Os requeridos apresentaram oposição, excecionando por um lado, a ilegitimidade dos requerentes para estarem em juízo, a insusceptibilidade de o caminho ser possuído face à sua da natureza de público e a caducidade do direito à ação e impugnando, no mais, os factos alegados, concretamente que os requerentes não têm o direito de passagem que invocam, tendo o acesso aos prédios que dizem pertencer-lhes sido sempre feito por outro caminho, concluindo, a final, pela improcedência da providência.

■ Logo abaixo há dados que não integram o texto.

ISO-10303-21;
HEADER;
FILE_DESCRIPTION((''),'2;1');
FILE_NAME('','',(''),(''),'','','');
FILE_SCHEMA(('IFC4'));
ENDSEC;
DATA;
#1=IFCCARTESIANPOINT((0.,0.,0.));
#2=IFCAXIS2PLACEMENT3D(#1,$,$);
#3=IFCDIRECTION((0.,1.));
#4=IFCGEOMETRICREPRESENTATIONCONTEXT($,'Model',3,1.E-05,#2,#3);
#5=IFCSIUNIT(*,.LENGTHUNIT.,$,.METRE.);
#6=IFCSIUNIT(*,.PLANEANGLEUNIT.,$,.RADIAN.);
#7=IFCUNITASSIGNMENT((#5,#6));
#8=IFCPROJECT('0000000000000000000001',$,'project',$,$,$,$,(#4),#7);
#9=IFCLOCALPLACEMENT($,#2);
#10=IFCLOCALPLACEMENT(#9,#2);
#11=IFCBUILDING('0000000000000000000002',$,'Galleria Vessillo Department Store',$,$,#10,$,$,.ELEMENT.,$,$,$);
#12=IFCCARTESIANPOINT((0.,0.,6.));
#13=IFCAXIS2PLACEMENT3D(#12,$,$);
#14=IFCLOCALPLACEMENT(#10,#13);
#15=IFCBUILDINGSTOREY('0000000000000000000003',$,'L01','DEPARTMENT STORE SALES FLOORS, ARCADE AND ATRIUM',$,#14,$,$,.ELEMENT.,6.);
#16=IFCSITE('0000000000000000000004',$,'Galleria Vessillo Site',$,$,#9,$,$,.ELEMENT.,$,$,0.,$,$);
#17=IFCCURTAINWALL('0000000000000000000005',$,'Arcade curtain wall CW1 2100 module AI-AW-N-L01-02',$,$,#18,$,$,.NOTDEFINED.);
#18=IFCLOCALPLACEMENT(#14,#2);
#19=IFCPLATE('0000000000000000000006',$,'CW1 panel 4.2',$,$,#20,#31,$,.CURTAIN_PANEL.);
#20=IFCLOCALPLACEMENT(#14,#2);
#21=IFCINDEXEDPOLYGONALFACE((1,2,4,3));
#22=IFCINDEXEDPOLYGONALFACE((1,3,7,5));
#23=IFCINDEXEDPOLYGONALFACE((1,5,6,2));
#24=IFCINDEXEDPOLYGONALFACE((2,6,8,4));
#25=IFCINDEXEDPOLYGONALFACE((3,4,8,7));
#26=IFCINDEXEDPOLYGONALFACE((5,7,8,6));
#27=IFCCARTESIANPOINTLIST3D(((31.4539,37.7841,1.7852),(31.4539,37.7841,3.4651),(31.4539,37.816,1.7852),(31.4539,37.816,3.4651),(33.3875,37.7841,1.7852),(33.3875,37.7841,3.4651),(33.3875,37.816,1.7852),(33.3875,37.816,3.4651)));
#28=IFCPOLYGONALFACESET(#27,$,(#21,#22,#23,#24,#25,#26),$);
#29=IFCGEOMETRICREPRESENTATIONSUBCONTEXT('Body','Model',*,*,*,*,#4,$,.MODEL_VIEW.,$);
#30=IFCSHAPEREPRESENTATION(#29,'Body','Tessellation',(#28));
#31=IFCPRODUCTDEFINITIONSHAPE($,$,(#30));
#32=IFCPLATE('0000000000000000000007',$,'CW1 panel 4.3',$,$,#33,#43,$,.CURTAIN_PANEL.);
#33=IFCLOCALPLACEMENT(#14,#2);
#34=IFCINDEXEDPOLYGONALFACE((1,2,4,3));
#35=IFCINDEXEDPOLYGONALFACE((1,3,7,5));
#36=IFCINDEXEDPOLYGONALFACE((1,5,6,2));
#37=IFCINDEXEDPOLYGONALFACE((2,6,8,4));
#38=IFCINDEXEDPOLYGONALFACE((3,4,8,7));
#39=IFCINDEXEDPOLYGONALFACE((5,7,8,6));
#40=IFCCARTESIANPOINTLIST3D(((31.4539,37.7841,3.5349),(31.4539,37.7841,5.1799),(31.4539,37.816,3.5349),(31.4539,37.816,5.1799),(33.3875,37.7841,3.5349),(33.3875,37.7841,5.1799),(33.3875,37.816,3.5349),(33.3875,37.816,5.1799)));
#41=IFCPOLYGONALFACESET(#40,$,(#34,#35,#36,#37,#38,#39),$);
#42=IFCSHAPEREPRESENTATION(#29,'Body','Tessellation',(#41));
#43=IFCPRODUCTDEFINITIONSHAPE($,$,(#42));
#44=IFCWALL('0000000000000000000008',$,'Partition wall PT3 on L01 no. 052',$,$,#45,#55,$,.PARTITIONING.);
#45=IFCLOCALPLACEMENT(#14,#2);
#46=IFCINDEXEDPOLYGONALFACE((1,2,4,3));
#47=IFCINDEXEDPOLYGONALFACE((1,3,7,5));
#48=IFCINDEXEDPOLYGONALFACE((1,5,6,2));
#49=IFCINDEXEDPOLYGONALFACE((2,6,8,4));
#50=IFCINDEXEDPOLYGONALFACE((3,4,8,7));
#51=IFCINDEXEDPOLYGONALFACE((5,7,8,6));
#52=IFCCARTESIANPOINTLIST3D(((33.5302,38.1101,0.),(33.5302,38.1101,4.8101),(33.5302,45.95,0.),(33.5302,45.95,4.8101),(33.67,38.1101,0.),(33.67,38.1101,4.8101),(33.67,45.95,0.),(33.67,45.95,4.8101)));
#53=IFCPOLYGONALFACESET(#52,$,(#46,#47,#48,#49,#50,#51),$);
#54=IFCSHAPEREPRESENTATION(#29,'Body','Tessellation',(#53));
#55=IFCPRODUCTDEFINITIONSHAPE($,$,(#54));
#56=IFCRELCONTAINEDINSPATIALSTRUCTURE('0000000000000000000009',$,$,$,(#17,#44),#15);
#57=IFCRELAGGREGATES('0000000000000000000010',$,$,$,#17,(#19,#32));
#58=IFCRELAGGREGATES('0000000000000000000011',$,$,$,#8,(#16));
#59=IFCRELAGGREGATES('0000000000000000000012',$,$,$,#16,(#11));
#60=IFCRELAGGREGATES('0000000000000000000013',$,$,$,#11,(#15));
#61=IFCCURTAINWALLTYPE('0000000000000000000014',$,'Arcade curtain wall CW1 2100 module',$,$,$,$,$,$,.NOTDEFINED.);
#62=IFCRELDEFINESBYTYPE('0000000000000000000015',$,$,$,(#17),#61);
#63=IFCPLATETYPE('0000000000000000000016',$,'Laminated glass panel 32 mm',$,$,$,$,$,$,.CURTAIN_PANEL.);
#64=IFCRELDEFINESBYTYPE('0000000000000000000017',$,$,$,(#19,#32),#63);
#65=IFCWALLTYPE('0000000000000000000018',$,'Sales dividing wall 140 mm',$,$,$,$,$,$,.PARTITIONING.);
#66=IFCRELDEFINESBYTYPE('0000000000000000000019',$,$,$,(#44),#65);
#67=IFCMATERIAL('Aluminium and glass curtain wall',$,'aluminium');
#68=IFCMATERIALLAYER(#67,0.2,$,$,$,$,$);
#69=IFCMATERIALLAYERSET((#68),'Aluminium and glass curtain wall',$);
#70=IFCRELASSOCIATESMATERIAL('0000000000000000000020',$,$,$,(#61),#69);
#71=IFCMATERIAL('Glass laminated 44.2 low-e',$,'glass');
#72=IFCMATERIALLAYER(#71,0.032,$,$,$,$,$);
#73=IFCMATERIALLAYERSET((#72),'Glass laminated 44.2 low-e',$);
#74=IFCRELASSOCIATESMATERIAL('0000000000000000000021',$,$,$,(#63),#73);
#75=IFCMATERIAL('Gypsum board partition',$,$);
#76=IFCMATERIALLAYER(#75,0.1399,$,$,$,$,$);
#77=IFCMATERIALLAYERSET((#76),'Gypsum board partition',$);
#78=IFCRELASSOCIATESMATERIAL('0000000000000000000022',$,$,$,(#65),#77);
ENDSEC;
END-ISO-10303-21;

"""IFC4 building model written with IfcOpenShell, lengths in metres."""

from ifc_helpers import new_model, si_unit, direction, frame, frame_2d, origin, origin_2d, place, context, subcontext, project, spatial, rectangle, extrude, material, layer, layer_set, type_object, element, aggregate, save


model = new_model("IFC4")

# Units and contexts
model_context = context("Model", 3, precision=1e-05, world=origin(), true_north=direction((0.0, 1.0)))
body_context = subcontext(model_context, "Body", "Model", "MODEL_VIEW")
ifc_project = project(units=[si_unit("LENGTHUNIT", "METRE"), si_unit("PLANEANGLEUNIT", "RADIAN")], contexts=[model_context])

# Site, building, storey
site_placement = place(None, origin())
site = spatial("IfcSite", under=ifc_project, at=site_placement, Name="Galleria Vessillo Site", CompositionType="ELEMENT", RefElevation=0.0)
building_placement = place(site_placement, origin())
building = spatial("IfcBuilding", under=site, at=building_placement, Name="Galleria Vessillo Department Store", CompositionType="ELEMENT")
storey_placement = place(building_placement, frame((0.0, 0.0, 6.0)))
storey = spatial("IfcBuildingStorey", under=building, at=storey_placement, Name="L01", Description="DEPARTMENT STORE SALES FLOORS, ARCADE AND ATRIUM", CompositionType="ELEMENT", Elevation=6.0)

# Curtain wall
ifc_material_1 = material(Name="Aluminium and glass curtain wall", Category="aluminium")
ifc_layer_1 = layer(ifc_material_1, 0.2)
ifc_layer_set_1 = layer_set([ifc_layer_1], Name="Aluminium and glass curtain wall")
curtain_wall_type = type_object("IfcCurtainWallType", Name="Arcade curtain wall CW1 2100 module", PredefinedType="NOTDEFINED", material=ifc_layer_set_1)
curtain_wall_placement = place(storey_placement, origin())
curtain_wall = element("IfcCurtainWall", 1, at=curtain_wall_placement, inside=storey, type_object=curtain_wall_type, Name="Arcade curtain wall CW1 2100 module AI-AW-N-L01-02", PredefinedType="NOTDEFINED")

# Plates
ifc_material_2 = material(Name="Glass laminated 44.2 low-e", Category="glass")
ifc_layer_2 = layer(ifc_material_2, 0.032)
ifc_layer_set_2 = layer_set([ifc_layer_2], Name="Glass laminated 44.2 low-e")
plate_type = type_object("IfcPlateType", Name="Laminated glass panel 32 mm", PredefinedType="CURTAIN_PANEL", material=ifc_layer_set_2)
plate_1_placement = place(storey_placement, frame((32.4207, 37.8, 1.7852), z_axis=(0.0, 0.0, 1.0), x_axis=(1.0, 0.0, 0.0)))
plate_1 = element("IfcPlate", 2, at=plate_1_placement, type_object=plate_type, Name="CW1 panel 4.2", PredefinedType="CURTAIN_PANEL", context=body_context, shape_type="SweptSolid", body=[
    extrude(rectangle(XDim=1.9336, YDim=0.032, at=origin_2d()), origin(), (0.0, 0.0, 1.0), 1.6799),
])
plate_2_placement = place(storey_placement, frame((32.4207, 37.8, 3.5349), z_axis=(0.0, 0.0, 1.0), x_axis=(1.0, 0.0, 0.0)))
plate_2 = element("IfcPlate", 3, at=plate_2_placement, type_object=plate_type, Name="CW1 panel 4.3", PredefinedType="CURTAIN_PANEL", context=body_context, shape_type="SweptSolid", body=[
    extrude(rectangle(XDim=1.9336, YDim=0.032, at=origin_2d()), origin(), (0.0, 0.0, 1.0), 1.645),
])
aggregate(curtain_wall, [plate_1, plate_2])

# Wall
ifc_material_3 = material(Name="Gypsum board partition")
ifc_layer_3 = layer(ifc_material_3, 0.1399)
ifc_layer_set_3 = layer_set([ifc_layer_3], Name="Gypsum board partition")
wall_type = type_object("IfcWallType", Name="Sales dividing wall 140 mm", PredefinedType="PARTITIONING", material=ifc_layer_set_3)
wall_placement = place(storey_placement, frame((33.6001, 38.1101, 0.0), z_axis=(0.0, 0.0, 1.0), x_axis=(0.0, 1.0, 0.0)))
element("IfcWall", 4, at=wall_placement, inside=storey, type_object=wall_type, Name="Partition wall PT3 on L01 no. 052", PredefinedType="PARTITIONING", context=body_context, shape_type="SweptSolid", body=[
    extrude(rectangle(XDim=7.8398, YDim=0.1399, at=frame_2d((3.9199, 0.0))), origin(), (0.0, 0.0, 1.0), 4.8101),
])

save(model, "model.ifc")
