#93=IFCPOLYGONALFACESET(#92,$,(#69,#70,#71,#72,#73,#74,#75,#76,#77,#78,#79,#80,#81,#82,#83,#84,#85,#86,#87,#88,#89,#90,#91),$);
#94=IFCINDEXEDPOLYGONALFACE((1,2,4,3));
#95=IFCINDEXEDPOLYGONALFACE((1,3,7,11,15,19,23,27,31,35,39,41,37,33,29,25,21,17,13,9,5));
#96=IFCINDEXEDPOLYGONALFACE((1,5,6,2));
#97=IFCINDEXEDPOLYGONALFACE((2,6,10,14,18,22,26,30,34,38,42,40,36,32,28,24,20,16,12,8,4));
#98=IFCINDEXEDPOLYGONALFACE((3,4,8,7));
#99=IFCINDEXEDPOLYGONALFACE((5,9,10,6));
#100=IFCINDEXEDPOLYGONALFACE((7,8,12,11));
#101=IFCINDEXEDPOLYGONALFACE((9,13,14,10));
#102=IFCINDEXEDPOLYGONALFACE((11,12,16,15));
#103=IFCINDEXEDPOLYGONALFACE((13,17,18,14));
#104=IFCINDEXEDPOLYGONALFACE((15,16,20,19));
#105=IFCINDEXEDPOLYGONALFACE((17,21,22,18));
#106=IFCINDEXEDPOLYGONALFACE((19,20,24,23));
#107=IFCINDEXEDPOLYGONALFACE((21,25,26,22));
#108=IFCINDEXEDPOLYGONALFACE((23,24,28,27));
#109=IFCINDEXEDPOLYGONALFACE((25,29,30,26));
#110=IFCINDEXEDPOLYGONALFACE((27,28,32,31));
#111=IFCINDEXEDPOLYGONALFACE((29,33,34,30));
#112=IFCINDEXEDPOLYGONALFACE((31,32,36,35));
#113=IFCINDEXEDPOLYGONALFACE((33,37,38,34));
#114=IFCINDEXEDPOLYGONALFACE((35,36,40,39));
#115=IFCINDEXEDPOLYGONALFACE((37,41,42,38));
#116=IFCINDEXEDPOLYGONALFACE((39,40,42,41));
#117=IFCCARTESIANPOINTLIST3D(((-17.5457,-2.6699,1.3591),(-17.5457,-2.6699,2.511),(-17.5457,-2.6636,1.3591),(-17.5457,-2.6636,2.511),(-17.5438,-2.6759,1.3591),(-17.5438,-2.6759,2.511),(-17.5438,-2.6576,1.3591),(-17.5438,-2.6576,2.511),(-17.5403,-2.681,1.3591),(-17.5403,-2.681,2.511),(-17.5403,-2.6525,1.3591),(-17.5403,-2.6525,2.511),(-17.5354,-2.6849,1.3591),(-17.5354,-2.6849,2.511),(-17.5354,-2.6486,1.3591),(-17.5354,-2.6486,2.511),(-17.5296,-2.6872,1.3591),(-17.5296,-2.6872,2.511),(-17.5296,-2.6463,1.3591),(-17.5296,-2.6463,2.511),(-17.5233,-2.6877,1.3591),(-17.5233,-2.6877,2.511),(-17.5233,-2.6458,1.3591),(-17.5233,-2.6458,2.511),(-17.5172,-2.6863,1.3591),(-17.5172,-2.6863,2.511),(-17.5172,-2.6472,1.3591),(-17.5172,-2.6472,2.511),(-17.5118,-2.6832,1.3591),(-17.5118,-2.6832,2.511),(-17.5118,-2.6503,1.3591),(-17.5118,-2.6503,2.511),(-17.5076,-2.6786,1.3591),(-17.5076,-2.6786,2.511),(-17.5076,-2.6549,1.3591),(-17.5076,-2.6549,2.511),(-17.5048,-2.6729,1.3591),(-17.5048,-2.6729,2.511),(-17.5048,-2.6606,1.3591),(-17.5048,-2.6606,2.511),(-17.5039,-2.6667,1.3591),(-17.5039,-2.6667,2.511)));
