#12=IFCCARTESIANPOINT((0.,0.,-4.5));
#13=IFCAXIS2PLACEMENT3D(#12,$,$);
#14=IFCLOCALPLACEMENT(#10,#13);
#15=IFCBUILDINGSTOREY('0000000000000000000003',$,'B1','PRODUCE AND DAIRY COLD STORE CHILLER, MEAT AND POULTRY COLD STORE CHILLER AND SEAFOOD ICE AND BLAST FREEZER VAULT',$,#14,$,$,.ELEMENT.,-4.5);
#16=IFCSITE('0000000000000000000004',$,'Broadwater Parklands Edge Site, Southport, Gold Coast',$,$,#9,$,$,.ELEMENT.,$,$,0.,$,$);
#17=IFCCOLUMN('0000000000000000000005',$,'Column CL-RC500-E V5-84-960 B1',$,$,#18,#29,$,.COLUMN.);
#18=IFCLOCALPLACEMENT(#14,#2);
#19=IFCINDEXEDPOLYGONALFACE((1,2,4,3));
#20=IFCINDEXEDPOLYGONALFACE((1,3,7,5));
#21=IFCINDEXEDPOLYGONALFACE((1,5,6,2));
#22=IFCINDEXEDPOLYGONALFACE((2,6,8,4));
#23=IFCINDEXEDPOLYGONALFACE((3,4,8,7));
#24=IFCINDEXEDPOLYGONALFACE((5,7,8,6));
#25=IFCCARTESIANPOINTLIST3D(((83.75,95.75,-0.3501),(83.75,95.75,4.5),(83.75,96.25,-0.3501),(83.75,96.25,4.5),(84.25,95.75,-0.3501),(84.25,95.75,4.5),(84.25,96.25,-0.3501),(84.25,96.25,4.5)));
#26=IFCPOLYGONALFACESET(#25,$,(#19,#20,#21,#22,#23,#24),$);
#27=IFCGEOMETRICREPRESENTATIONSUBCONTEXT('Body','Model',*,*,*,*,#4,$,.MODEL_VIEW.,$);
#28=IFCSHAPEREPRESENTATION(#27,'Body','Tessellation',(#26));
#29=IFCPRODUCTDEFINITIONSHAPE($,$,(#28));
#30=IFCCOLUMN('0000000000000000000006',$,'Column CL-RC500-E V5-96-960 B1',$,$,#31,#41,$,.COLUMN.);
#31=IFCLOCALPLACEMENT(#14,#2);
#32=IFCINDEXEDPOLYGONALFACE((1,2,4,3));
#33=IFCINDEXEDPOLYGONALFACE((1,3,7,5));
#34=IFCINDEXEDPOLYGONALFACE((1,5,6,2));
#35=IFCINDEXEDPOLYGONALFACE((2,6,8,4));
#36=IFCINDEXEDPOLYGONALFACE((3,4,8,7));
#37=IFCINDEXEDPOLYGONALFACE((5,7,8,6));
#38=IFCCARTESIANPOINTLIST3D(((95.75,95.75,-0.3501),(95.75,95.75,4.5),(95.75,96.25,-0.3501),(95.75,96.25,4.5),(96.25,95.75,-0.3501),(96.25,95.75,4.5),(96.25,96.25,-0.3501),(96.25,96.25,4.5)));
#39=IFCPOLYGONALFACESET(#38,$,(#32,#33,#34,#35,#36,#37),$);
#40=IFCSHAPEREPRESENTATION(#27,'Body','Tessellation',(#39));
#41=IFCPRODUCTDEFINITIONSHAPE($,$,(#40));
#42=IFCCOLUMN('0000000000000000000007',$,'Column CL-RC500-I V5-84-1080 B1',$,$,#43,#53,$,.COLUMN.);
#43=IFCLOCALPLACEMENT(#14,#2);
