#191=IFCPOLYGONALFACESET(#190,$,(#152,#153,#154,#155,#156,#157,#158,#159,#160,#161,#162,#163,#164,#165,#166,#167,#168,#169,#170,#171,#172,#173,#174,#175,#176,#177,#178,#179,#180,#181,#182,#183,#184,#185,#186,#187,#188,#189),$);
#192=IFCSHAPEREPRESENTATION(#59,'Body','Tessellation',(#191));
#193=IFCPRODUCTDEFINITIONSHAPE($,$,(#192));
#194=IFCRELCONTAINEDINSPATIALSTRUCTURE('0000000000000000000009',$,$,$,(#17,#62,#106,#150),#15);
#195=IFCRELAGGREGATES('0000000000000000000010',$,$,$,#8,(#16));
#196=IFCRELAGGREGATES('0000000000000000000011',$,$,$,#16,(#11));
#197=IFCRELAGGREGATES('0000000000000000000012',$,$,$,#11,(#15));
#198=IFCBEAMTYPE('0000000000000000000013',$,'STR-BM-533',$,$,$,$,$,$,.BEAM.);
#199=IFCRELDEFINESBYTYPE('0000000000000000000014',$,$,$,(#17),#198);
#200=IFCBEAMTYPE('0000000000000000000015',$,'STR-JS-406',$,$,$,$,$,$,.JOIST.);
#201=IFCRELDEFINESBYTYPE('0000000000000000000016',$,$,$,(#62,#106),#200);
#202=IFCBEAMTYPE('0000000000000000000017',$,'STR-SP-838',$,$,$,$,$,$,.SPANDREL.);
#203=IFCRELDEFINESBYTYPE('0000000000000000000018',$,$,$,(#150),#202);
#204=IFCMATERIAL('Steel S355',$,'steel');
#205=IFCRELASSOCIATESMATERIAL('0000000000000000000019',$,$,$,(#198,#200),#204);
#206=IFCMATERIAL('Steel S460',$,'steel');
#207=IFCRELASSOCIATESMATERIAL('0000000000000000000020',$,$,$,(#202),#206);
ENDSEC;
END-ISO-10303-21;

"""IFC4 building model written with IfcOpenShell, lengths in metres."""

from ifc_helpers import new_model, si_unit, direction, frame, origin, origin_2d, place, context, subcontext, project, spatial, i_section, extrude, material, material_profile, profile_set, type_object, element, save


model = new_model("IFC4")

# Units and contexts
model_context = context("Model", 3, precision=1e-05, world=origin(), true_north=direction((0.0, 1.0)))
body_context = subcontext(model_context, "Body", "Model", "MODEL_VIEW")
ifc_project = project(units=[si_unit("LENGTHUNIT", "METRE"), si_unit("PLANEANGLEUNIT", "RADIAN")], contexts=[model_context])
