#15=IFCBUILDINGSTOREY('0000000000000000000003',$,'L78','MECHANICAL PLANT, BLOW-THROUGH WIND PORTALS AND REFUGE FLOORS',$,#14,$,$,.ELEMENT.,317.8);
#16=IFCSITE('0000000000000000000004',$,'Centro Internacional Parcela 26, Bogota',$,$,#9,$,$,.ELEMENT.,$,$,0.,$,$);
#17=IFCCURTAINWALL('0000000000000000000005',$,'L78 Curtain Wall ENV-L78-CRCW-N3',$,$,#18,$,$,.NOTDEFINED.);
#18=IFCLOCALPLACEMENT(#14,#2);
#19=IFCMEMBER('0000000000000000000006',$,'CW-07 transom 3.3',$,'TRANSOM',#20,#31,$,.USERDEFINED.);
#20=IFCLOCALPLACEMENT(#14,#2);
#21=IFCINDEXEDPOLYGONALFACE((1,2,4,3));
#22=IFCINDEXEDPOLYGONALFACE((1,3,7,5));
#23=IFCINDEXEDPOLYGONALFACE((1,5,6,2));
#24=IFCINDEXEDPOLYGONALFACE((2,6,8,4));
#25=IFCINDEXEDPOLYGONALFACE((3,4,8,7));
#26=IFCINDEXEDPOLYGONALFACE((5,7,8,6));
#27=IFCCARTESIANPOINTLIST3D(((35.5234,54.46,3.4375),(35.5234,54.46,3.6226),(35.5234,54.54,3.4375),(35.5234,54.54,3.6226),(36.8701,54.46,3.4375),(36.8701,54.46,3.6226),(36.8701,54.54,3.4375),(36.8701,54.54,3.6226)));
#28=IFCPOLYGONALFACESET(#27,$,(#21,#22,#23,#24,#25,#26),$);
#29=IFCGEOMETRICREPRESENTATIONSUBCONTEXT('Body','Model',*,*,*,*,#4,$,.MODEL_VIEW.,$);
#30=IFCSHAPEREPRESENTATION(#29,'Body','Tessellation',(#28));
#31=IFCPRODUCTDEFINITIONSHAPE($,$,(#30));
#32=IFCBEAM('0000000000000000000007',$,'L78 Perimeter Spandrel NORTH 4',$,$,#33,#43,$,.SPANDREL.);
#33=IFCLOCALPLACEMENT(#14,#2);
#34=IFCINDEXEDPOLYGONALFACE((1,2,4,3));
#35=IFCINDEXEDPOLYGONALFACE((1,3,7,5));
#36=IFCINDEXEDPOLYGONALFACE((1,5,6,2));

*1.3. Realizada a audiência final, foi proferida decisão que julgou procedente o procedimento cautelar, e em consequência:

  1. Determinou a imediata restituição aos requerentes da posse sobre o caminho que, nasce junto do caminho público da “...” e perpendicularmente a este, numa extensão de cerca de 150 m medidos da poça de água até ao prédio referido em 2), e que seguindo o seu trilho culmina no caminho que liga ao caminho público que liga as povoações de ... e ..., permitindo o acesso ao prédio rústico dos requerentes inscritos na matriz sob os artigos ...14... e ...30.º da freguesa de ..., concelho ...; b) Determinou que os requeridos reponham o caminho no estado em que se encontrava, retirando todos os obstáculos e plantações que no mesmo trilho fizeram e se abstenham de, por qualquer meio, estorvar ou prejudicar o direito de passagem dos requerentes a pé, de carro ou de qualquer outra máquina e/ou veículo agrícola ou para fins agrícolas por tal caminho.

    *1.4.

    Inconformados com a decisão vieram os Requeridos dela interpor recurso, terminando com as seguintes conclusões: 1. Entendem os recorrentes, com o devido respeito, que a providência cautelar instaurada, face ao pedido deduzido, à prova efectivamente realizada e ao direito aplicável, tinha necessariamente que improceder.

    Enquadramento 2. A Primeira questão a reapreciar prende-se com a nulidade da Sentença nos termos do preceituado no artigo 615.º n.º 1 alíneas c) d) e e) do CPC.

    1. A Segunda Questão a reapreciar prende-se com a decisão sobre a Natureza do Caminho em discussão nos autos e a posse dos Requerentes sobre o mesmo.

    2. Uma Terceira Questão a reapreciar prende-se com a decisão sobre Caducidade do direito à acção por parte dos Requerentes.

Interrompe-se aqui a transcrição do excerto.